Making

Some words seem strange to me. Perhaps it's my age. Making seems always to be, well, constructive, a sort of building word. In my world, it's taking something quite raw and mostly all-natural and reforming it in some way to transform it into something useful and pleasing to look at. Mostly this is without decrying its existing beauty in the natural condition I first found it. On my walks in the wild and especially in the real wild places free from human interruption, I see things with a different eye. In my second home country of Texas, I rarely walked anywhere more than a few yards in a given direction without something stopping me in my tracks. A wild javelina suddenly jumps up and out from the underbrush with that high-pitched, ear-piercing squeal of young pig trapped to the ground by a snare. In the isolation of soundlessness, it can be a scary encounter at high speed as it shoots across the seer grasses like a popped cork from a bottle fizz, especially when you're alone in 30 square miles of fenceless ranchland.

By wild, of course, I mean a dropped branch from a mesquite tree now shading its cast-off limb. You pick up such things in Texas and it's already seasoned and dried down to 6% by many weeks and even months of 40+ degree sunshine--centigrade of course. In that world, I discovered my wildwood supplies and made from what I found. Fire ants covering part of a limb meant food inside in the form of long-horn wood borer larvae which they'd despatched as food and the bug runs cleaned out for access to deeper realms. These then decorated the final coat rack yet to be made and had an especially high value to collectors of western-style woodworking for the ranch, home, and office. The deep black mineral deposits added ever hue between black and brown and then too that lovely warmth only mesquite can offer.

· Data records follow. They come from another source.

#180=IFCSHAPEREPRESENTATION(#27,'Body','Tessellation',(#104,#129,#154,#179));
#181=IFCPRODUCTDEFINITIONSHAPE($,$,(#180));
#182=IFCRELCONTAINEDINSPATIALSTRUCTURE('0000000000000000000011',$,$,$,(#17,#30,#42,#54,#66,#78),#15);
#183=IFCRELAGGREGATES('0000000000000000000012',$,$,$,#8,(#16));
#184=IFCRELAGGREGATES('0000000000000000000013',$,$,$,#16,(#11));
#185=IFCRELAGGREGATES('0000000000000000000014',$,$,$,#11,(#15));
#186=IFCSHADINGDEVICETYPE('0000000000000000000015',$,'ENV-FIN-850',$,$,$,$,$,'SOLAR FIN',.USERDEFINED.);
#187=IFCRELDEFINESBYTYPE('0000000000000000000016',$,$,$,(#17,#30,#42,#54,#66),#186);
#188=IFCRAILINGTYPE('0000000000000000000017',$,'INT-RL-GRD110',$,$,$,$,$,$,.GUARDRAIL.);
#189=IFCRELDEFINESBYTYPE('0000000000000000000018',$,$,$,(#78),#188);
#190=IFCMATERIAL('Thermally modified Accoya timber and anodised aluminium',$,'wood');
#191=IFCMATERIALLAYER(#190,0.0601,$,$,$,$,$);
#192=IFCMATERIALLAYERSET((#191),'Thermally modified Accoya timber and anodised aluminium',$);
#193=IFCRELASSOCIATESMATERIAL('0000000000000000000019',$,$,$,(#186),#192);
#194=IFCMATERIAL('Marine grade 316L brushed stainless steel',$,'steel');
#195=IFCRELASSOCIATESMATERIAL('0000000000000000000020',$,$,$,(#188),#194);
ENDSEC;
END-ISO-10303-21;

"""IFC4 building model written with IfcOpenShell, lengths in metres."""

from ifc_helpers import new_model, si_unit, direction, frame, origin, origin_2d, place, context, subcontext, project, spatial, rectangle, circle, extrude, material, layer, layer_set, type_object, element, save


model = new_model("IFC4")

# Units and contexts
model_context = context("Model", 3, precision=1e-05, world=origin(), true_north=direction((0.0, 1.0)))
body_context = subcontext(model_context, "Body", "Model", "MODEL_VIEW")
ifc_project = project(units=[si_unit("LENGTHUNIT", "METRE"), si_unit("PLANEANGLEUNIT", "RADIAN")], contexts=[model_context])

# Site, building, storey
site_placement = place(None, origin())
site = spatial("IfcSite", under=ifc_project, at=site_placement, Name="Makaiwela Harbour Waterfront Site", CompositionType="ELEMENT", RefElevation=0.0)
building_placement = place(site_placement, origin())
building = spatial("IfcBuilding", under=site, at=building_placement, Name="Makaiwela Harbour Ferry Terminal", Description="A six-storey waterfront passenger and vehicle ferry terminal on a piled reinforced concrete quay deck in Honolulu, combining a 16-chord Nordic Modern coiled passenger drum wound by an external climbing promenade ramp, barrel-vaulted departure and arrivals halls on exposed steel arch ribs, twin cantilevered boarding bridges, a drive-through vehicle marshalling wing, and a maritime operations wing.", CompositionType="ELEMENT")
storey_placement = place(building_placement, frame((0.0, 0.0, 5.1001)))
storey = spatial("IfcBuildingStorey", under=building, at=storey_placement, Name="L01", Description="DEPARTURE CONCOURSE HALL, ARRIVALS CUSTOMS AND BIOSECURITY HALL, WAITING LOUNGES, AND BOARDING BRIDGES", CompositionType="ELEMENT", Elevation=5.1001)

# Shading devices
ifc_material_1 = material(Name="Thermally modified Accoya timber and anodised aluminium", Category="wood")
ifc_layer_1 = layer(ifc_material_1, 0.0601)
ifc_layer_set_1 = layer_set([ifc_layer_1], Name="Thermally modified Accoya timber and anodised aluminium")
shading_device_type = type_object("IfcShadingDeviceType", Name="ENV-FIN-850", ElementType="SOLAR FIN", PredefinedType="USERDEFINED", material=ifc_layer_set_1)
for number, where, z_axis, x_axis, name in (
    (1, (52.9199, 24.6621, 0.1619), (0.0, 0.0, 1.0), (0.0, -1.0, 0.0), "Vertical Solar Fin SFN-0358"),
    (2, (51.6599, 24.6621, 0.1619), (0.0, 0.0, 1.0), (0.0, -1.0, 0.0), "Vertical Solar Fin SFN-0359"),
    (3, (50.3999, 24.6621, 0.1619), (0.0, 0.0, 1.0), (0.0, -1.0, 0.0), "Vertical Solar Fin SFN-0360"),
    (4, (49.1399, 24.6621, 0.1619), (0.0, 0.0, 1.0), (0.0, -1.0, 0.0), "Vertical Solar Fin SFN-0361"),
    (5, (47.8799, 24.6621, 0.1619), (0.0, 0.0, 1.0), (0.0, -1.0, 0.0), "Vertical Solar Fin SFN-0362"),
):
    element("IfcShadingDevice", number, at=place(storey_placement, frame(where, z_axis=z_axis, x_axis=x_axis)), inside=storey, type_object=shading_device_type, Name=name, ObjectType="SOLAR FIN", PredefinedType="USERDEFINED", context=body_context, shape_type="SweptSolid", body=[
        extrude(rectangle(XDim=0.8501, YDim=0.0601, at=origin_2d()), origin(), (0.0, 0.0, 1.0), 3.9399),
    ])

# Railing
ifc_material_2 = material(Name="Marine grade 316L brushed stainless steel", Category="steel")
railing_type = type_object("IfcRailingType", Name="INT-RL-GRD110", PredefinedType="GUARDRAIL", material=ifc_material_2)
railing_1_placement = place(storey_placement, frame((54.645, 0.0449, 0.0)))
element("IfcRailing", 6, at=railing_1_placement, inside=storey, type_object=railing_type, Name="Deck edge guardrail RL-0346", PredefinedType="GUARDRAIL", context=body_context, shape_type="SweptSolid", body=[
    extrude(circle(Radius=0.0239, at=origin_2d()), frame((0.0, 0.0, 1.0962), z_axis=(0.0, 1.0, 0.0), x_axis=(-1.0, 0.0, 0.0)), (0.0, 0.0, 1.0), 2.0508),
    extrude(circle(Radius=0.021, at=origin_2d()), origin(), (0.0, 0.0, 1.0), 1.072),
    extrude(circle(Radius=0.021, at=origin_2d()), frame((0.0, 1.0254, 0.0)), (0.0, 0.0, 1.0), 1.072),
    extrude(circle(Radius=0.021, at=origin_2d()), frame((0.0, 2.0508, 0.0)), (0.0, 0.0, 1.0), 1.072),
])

Here in the UK, it's the same yet different. I walk with my eyes open and my mind engaged to find. After Texas living I search for a dropped limb or two but knowing that here it will be saturated not dried through. In Texas, I could make camp from mesquite as dry as a bone and light the starter with dried grasses in an instant. Native pecan, live oak, juniper, mesquite all burn well and burn hot too. My kettle would boil and I'd make tea and toast my bread and the river water was crystal clear right from the Dry Frio River. When I was done I'd slide into the river to cool down and clean off and then head for home an hour's drive away beneath the mesquites and through the underbrush.

Here in the UK I am unlikely to find windfalls of rich and dark woods; more common to find a lighter-grained hardwood than the rich deep red of the mesquite growing in the southwest. Throughout the hotter regions of Texas, you can scarcely walk more than a few yards without finding mesquite. It's still amazing to me though that I can take a section of ash from a stem and make a mirror as shown below. All you need is a 1/2" thick piece 6" wide and 12" long and you're on your way. What would it sell for? I'd sell it for around £50 in English ash. If I were in Texas as in times past, and I had made it from mesquite, I would sell it for $95. Demand for hand made, truly hand made, was always high in the USA. Americans seemed always to find great value in knowing someone made anything by hand. I never had any problems selling my work and it was of great reward for me to not have to sell because people wanted to buy.

In a skip (US dumpster) I saw a leg sticking out from the junk and rubble. It was a beech tapered leg from an old and poorly made seat of some kind.

A spokeshave and a scraper takes it to round and I salvaged something yet again. In my looking, I saw a rolling pin where others see only an odd leg. I know, it's a small thing, but somehow I feel good about taking the lost and forlorn and seeing something beautiful and useful come from it.